Kementerian Energi dan Sumber Daya Mineral (ESDM) mengimbau agar investor tak perlu khawatir menanamkan modalnya di Indonesia saat tahun politik, terutama di sektor minyak dan gas bumi (migas). Pemerintah akan tetap bekerja untuk memberikan kepastian berinvestasi bagi investor.

Wakil Menteri ESDM Arcandra Tahar mengatakan  salah satu yang sedang diselesaikan adalah kepastian pengelolaan blok migas yang akan berakhir tahun 2023. Hingga empat tahun ke depan, sebenarnya ada tiga blok yang akan berakhir yakni Rimau, Jabung dan Corridor.

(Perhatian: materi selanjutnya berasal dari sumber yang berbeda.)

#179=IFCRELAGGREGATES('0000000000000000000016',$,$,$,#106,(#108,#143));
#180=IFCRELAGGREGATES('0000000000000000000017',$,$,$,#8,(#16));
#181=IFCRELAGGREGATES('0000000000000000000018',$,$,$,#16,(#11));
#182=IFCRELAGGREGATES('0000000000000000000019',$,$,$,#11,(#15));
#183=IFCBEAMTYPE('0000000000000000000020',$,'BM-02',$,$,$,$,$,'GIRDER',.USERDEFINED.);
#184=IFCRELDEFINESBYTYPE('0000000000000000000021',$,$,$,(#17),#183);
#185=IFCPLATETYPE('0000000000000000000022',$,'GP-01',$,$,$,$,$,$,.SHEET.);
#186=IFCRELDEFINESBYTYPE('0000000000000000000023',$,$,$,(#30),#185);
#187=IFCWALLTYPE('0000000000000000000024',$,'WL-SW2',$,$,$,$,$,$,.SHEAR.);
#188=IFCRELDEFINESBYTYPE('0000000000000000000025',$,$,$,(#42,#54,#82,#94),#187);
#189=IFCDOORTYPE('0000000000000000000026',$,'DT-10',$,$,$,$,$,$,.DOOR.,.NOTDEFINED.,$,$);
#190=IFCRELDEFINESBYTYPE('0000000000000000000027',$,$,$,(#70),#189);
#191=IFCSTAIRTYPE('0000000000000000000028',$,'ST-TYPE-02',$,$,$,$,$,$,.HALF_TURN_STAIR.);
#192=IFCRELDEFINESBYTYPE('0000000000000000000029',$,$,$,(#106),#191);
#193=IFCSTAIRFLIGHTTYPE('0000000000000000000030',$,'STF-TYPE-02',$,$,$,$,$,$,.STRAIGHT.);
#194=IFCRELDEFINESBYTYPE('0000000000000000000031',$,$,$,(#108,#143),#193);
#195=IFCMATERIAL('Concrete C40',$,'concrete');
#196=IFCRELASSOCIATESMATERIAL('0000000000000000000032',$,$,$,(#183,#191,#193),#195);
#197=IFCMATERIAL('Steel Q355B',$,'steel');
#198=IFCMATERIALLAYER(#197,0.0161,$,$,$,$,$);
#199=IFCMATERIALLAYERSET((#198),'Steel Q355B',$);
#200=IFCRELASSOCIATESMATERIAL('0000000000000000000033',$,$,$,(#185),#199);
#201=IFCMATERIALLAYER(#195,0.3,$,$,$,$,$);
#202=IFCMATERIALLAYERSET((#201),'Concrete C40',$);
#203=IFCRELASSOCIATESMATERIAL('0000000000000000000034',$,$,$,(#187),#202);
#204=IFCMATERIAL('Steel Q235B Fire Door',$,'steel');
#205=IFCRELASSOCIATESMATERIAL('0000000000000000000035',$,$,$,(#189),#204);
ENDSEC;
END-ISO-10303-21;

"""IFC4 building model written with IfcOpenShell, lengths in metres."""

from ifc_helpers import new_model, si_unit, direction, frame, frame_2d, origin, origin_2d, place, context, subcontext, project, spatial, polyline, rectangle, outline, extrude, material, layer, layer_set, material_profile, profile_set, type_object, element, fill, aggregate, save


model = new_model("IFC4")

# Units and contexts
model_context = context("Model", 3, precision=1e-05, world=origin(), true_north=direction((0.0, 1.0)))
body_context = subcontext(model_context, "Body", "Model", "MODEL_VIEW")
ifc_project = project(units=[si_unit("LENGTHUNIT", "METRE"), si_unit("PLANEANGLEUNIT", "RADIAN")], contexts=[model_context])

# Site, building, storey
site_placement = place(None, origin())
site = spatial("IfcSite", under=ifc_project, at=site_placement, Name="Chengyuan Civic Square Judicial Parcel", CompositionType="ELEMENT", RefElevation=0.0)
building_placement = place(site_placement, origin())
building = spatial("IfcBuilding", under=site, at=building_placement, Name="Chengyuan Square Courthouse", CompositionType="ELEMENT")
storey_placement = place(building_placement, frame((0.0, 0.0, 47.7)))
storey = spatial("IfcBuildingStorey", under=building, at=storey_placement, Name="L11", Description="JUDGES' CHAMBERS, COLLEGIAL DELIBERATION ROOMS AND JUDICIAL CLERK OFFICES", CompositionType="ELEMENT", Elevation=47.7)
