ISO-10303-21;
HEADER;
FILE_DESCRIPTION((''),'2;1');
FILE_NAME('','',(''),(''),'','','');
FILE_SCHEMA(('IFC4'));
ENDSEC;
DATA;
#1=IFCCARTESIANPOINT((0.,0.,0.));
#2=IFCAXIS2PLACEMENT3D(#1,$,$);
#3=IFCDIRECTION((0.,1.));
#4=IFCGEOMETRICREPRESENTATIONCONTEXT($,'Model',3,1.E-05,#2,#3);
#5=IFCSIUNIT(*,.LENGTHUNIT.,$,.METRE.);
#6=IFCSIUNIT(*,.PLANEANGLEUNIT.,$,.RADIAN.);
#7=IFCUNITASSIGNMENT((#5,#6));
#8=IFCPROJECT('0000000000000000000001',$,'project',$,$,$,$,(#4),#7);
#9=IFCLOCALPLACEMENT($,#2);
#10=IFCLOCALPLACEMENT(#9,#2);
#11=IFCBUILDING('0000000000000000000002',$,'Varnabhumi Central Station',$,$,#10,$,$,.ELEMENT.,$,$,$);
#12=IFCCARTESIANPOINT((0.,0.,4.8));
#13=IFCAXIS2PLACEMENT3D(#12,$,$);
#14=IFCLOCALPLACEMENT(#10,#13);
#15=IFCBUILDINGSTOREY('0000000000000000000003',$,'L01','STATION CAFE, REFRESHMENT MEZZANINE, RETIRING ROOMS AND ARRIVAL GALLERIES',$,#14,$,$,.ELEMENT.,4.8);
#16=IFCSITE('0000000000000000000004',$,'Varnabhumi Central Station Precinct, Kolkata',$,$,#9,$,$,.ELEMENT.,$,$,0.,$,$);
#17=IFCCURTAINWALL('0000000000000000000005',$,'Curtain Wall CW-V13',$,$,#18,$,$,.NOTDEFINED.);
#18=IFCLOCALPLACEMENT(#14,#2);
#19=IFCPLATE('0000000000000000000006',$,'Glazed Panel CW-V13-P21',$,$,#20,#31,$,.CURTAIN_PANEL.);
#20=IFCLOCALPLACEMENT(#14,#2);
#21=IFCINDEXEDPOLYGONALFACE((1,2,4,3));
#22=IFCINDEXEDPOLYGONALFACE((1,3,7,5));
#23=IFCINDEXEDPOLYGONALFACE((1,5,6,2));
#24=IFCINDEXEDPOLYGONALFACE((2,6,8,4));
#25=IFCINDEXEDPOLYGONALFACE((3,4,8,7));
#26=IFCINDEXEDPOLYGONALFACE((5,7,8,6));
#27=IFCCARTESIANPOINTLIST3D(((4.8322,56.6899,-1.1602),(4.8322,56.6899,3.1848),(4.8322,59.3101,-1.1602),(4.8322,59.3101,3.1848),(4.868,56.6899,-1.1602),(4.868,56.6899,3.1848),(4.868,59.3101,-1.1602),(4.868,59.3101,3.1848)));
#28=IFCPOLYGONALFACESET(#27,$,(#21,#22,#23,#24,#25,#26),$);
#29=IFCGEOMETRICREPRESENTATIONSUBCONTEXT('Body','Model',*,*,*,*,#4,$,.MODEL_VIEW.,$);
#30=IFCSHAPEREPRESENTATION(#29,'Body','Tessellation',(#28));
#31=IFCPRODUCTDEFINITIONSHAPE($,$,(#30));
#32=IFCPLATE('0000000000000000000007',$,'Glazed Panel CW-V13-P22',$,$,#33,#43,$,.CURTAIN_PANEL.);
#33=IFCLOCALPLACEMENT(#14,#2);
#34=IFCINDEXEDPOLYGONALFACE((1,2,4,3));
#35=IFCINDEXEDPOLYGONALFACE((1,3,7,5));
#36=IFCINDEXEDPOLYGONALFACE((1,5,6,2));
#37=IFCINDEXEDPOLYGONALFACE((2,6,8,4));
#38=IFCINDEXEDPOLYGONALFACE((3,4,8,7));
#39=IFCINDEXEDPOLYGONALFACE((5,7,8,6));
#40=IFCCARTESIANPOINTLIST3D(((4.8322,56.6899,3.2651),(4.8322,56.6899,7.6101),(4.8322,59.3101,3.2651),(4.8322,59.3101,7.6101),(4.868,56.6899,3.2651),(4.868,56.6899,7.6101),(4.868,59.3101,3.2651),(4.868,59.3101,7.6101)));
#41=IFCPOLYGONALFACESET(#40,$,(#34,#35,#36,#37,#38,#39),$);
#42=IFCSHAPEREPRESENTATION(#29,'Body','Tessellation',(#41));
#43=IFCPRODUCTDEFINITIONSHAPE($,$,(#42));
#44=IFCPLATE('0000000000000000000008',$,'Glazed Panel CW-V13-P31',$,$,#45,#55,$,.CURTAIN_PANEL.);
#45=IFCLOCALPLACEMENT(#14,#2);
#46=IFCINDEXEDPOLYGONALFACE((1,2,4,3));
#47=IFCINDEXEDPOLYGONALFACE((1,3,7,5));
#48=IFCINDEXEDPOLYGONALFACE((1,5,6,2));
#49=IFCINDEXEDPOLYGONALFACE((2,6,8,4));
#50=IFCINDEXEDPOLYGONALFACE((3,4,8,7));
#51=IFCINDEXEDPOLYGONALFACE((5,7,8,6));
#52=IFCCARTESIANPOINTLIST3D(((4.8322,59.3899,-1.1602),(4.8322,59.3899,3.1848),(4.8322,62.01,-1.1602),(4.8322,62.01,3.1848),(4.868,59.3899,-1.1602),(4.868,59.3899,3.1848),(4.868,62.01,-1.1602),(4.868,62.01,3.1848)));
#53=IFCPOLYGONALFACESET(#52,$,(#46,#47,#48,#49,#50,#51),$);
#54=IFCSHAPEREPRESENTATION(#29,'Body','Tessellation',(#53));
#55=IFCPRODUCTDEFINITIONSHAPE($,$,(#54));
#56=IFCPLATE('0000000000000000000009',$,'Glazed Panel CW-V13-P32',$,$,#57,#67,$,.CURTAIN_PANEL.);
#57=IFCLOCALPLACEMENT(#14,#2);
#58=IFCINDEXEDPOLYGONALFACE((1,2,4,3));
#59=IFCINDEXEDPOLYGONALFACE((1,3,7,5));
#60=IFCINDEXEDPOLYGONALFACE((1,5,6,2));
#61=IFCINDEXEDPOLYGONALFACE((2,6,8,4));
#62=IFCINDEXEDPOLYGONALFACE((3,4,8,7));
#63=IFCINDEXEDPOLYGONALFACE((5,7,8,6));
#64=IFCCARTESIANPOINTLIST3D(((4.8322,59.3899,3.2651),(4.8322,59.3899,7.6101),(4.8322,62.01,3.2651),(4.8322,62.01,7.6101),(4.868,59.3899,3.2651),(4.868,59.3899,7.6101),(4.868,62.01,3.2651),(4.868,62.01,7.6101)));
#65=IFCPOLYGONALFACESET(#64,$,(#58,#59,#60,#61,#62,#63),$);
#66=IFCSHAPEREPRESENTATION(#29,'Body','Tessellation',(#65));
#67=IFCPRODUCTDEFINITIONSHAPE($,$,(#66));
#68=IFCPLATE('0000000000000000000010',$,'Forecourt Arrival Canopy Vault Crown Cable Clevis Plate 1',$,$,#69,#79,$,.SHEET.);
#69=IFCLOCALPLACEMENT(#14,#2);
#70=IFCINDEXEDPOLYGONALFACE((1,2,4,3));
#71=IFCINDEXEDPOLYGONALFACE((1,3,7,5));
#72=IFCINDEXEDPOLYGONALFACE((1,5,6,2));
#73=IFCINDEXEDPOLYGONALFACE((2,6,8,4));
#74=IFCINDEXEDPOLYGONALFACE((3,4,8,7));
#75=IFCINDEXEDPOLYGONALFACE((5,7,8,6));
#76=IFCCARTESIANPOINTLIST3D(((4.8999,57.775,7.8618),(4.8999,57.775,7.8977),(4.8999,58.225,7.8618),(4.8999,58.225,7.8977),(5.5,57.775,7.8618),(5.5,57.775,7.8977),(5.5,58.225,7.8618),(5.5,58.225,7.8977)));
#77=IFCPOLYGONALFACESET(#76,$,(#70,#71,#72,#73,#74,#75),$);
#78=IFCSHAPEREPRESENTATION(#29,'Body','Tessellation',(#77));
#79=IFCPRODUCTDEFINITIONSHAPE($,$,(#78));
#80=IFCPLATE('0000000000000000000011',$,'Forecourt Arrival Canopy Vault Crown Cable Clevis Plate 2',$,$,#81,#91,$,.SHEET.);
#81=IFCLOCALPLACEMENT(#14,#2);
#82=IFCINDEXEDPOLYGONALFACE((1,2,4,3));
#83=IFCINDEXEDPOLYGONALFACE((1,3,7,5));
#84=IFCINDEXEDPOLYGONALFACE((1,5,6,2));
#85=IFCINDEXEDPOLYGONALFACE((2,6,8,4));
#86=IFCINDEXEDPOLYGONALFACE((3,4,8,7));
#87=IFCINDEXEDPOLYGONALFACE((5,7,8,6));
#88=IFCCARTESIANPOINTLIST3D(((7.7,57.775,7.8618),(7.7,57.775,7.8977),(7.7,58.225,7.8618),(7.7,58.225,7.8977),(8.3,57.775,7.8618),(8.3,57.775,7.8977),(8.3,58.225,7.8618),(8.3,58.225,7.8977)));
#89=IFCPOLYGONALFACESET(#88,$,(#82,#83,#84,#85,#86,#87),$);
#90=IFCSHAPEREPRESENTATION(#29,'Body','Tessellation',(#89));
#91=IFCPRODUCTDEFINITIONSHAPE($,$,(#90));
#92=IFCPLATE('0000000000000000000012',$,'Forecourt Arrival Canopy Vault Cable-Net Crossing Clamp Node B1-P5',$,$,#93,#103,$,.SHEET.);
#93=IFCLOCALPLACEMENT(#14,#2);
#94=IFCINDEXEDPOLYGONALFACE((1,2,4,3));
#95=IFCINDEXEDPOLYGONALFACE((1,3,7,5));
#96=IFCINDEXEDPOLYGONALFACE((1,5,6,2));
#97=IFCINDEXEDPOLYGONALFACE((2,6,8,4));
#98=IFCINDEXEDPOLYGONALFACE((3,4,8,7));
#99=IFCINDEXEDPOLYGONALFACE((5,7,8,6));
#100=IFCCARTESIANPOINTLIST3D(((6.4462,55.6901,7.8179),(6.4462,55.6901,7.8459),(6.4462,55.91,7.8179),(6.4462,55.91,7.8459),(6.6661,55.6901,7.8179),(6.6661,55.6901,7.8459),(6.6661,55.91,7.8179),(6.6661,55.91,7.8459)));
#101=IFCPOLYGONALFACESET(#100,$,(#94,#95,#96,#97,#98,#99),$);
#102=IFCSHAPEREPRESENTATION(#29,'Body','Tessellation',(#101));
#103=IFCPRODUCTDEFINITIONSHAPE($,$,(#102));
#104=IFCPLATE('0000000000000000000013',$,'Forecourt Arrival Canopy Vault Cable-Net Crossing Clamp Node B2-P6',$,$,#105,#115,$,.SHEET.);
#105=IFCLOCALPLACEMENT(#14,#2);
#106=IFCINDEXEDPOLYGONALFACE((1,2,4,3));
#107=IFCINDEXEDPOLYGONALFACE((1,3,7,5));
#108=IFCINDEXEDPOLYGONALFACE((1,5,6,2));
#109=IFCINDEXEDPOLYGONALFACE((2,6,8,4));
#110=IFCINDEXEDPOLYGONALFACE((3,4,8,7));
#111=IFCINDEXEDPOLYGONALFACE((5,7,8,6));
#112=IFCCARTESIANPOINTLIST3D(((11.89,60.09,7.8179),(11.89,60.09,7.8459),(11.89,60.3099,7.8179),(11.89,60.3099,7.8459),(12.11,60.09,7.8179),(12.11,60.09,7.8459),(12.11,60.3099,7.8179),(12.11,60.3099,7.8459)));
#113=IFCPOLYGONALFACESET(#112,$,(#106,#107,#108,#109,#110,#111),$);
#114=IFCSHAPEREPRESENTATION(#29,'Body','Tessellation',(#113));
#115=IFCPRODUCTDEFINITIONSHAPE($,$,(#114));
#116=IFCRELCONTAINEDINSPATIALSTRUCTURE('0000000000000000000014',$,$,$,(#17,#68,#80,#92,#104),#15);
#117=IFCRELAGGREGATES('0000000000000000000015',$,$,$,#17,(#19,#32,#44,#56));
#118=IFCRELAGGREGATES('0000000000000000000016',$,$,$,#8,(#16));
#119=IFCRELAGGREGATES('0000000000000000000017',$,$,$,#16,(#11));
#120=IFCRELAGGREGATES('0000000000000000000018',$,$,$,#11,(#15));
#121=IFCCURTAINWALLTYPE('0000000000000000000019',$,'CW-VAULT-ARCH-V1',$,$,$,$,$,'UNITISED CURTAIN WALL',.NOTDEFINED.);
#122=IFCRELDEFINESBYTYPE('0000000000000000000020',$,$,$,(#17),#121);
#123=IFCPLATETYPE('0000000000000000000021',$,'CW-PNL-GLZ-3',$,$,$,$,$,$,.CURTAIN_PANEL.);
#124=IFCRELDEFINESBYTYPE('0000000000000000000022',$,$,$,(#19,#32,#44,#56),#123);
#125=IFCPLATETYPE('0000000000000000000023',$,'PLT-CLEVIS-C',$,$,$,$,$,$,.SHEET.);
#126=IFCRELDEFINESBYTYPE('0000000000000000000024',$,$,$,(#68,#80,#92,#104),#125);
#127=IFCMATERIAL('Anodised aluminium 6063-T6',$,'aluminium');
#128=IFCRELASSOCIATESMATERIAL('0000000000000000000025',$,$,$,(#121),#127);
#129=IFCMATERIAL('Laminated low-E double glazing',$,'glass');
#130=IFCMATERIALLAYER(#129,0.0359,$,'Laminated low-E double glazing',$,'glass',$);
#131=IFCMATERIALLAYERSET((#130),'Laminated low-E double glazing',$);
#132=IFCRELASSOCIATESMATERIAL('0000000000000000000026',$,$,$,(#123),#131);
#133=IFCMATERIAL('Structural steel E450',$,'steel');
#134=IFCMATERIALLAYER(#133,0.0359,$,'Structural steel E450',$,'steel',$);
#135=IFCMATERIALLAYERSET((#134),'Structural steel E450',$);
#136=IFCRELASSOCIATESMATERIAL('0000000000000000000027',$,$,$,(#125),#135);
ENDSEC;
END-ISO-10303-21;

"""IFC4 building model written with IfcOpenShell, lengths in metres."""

from ifc_helpers import new_model, si_unit, direction, frame, origin, origin_2d, place, context, subcontext, project, spatial, rectangle, extrude, material, layer, layer_set, type_object, element, aggregate, save


model = new_model("IFC4")

# Units and contexts
model_context = context("Model", 3, precision=1e-05, world=origin(), true_north=direction((0.0, 1.0)))
body_context = subcontext(model_context, "Body", "Model", "MODEL_VIEW")
ifc_project = project(units=[si_unit("LENGTHUNIT", "METRE"), si_unit("PLANEANGLEUNIT", "RADIAN")], contexts=[model_context])

# Site, building, storey
site_placement = place(None, origin())
site = spatial("IfcSite", under=ifc_project, at=site_placement, Name="Varnabhumi Central Station Precinct, Kolkata", CompositionType="ELEMENT", RefElevation=0.0)
building_placement = place(site_placement, origin())
building = spatial("IfcBuilding", under=site, at=building_placement, Name="Varnabhumi Central Station", CompositionType="ELEMENT")
storey_placement = place(building_placement, frame((0.0, 0.0, 4.8)))
storey = spatial("IfcBuildingStorey", under=building, at=storey_placement, Name="L01", Description="STATION CAFE, REFRESHMENT MEZZANINE, RETIRING ROOMS AND ARRIVAL GALLERIES", CompositionType="ELEMENT", Elevation=4.8)

# Shared definitions
ifc_material_1 = material(Name="Anodised aluminium 6063-T6", Category="aluminium")
curtain_wall_type = type_object("IfcCurtainWallType", Name="CW-VAULT-ARCH-V1", ElementType="UNITISED CURTAIN WALL", PredefinedType="NOTDEFINED", material=ifc_material_1)

# Curtain wall
curtain_wall_1_placement = place(storey_placement, origin())
curtain_wall_1 = element("IfcCurtainWall", 1, at=curtain_wall_1_placement, inside=storey, type_object=curtain_wall_type, Name="Curtain Wall CW-V13", PredefinedType="NOTDEFINED")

Akan tetapi, pemerintah sudah memutuskan pengelolaan Blok Rimau ke PT Medco E&P Rimau. Perusahaan besutan Arifin Panigoro ini mendapatkan kontrak baru hingga 20 tahun sejak 22 April 2023.

Alhasil, hingga kini tersisa Blok Jabung dan Corridor yang akan diputuskan tahun ini. “Kami selesaikan sampai blok yang habis kontrak tahun 2023,” ujar Arcandra, Senin (7/1).

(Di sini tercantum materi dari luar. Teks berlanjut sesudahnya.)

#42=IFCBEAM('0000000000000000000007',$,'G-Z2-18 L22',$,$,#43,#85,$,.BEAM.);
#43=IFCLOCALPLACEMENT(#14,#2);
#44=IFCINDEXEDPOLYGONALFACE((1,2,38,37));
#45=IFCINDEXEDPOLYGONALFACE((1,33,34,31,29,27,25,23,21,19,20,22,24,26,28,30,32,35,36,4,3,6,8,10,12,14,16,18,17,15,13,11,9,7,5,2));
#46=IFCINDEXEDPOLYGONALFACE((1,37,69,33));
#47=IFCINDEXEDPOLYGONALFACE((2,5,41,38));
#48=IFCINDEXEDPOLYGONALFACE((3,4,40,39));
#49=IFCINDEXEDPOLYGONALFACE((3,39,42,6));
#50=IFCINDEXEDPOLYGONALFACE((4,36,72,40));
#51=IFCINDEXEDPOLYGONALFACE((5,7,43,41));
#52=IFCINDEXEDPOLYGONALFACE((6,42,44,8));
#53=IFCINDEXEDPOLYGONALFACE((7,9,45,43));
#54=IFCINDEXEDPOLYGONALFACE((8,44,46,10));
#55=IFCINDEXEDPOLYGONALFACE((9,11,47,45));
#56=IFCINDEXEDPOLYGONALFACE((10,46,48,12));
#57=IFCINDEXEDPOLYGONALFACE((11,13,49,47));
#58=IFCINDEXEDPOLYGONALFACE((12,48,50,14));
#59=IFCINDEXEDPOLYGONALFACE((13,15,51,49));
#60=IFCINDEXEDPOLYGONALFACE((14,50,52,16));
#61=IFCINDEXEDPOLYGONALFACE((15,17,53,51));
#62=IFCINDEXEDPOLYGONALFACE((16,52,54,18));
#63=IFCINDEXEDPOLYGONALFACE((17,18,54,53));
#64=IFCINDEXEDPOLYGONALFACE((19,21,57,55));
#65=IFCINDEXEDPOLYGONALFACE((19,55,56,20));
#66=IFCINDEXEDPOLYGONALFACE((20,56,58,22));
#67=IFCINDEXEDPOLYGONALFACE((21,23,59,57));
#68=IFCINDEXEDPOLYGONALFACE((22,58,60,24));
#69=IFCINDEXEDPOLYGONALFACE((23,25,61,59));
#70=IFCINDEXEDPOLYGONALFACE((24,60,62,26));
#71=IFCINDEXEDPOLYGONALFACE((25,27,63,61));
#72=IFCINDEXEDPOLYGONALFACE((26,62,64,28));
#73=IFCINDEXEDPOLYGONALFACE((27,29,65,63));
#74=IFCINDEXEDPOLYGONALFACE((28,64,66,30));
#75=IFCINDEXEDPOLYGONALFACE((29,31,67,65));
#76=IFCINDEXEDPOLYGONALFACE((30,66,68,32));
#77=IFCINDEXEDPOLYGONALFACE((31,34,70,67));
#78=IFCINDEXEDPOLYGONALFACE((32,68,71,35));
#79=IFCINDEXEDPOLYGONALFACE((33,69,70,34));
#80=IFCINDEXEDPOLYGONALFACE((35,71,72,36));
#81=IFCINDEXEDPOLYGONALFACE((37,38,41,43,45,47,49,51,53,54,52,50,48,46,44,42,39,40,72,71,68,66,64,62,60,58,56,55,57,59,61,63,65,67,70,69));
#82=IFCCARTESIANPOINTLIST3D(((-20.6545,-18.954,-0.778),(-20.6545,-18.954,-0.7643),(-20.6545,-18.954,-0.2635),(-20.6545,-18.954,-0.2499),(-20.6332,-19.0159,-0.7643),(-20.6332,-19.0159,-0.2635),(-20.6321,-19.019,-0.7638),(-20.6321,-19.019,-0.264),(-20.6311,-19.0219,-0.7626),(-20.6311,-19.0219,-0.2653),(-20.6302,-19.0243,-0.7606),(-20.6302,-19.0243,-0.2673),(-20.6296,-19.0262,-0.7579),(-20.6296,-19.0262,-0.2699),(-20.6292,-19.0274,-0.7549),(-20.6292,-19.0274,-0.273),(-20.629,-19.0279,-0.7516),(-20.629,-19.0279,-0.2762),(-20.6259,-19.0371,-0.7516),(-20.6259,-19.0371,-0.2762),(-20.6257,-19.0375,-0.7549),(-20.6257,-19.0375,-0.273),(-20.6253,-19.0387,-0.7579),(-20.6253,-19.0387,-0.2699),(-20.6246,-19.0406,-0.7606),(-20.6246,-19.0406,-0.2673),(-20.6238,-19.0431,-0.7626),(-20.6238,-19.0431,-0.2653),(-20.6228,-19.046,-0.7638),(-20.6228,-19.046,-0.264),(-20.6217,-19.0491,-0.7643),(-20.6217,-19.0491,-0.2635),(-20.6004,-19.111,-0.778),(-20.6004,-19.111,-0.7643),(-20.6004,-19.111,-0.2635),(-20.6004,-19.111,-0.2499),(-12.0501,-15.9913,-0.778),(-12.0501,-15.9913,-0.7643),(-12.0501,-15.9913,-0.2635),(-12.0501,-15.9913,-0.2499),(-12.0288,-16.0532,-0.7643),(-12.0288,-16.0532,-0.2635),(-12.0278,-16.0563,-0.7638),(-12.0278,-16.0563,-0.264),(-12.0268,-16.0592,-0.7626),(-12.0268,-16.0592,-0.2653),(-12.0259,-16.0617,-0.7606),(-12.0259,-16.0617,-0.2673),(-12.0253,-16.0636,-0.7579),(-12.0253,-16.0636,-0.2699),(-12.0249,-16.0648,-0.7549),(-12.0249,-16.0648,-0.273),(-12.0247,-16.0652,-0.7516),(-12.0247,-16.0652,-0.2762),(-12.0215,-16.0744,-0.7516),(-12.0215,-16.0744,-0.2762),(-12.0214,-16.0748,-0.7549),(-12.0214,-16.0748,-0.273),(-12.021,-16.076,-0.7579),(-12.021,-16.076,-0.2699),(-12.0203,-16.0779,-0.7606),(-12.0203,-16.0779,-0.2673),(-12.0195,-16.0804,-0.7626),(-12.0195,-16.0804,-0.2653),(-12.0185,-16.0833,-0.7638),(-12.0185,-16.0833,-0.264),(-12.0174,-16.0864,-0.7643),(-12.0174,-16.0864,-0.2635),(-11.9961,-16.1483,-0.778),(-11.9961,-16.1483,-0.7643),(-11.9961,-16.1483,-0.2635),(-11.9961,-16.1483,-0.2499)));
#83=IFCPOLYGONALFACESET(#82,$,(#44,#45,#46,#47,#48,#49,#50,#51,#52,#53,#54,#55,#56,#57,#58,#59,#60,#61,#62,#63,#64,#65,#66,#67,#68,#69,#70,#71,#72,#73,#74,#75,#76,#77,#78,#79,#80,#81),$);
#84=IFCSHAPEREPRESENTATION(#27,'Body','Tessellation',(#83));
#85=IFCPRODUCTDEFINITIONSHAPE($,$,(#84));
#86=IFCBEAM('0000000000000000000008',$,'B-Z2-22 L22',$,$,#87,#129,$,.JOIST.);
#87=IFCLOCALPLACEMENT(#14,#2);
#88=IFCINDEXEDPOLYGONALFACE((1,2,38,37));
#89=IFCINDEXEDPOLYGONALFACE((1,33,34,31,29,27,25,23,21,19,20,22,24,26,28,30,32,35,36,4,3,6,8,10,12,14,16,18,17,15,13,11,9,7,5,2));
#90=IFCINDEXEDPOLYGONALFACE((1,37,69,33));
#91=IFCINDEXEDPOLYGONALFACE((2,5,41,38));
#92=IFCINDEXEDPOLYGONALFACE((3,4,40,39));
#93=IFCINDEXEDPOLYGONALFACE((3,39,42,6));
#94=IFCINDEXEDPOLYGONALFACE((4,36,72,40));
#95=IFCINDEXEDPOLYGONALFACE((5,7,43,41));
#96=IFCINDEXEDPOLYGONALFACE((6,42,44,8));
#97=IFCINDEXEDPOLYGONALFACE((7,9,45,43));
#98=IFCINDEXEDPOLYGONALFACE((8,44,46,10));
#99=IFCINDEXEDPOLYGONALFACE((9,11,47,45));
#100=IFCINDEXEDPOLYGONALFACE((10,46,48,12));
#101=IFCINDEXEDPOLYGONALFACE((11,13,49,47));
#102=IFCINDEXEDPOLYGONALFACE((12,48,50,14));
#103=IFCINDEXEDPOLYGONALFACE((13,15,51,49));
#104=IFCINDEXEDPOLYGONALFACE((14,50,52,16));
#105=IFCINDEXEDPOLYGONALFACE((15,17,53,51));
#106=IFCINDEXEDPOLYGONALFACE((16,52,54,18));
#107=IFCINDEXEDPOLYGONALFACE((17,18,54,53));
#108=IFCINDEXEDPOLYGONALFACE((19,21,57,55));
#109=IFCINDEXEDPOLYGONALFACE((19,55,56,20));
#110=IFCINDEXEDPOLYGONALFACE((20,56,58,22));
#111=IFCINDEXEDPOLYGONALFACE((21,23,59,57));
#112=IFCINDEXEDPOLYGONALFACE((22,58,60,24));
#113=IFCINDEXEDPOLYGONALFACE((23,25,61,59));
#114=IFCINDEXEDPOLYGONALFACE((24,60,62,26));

Menurut Arcandra, tahun politik juga belum berpengaruh terhadap iklim investasi. Alasannya, peminat lelang blok migas dalam beberapa tahun terakhir diminati investor.

Tahun lalu, dari tiga kali tahapan lelang blok migas yang  dibuka oleh Kementerian ESDM, sembilan blok migas laku dilelang dengan skema gross split. Sementara, tahun 2017 juga laku lima blok migas. Sehingga total blok migas yang sudah menggunakan skema gross split ada 36.

Meski begitu, Arcandra tidak bisa memastikan apakah skema gross split akan tetap bertahan jika ada pergantian pemimpin. “Kalian pasti tahu atau tidak nanti akan hidup. Kalau tidak tahu hidup nanti, sudah serahkan ke Tuhan. Sekarang peraturannya begitu,” ujar dia.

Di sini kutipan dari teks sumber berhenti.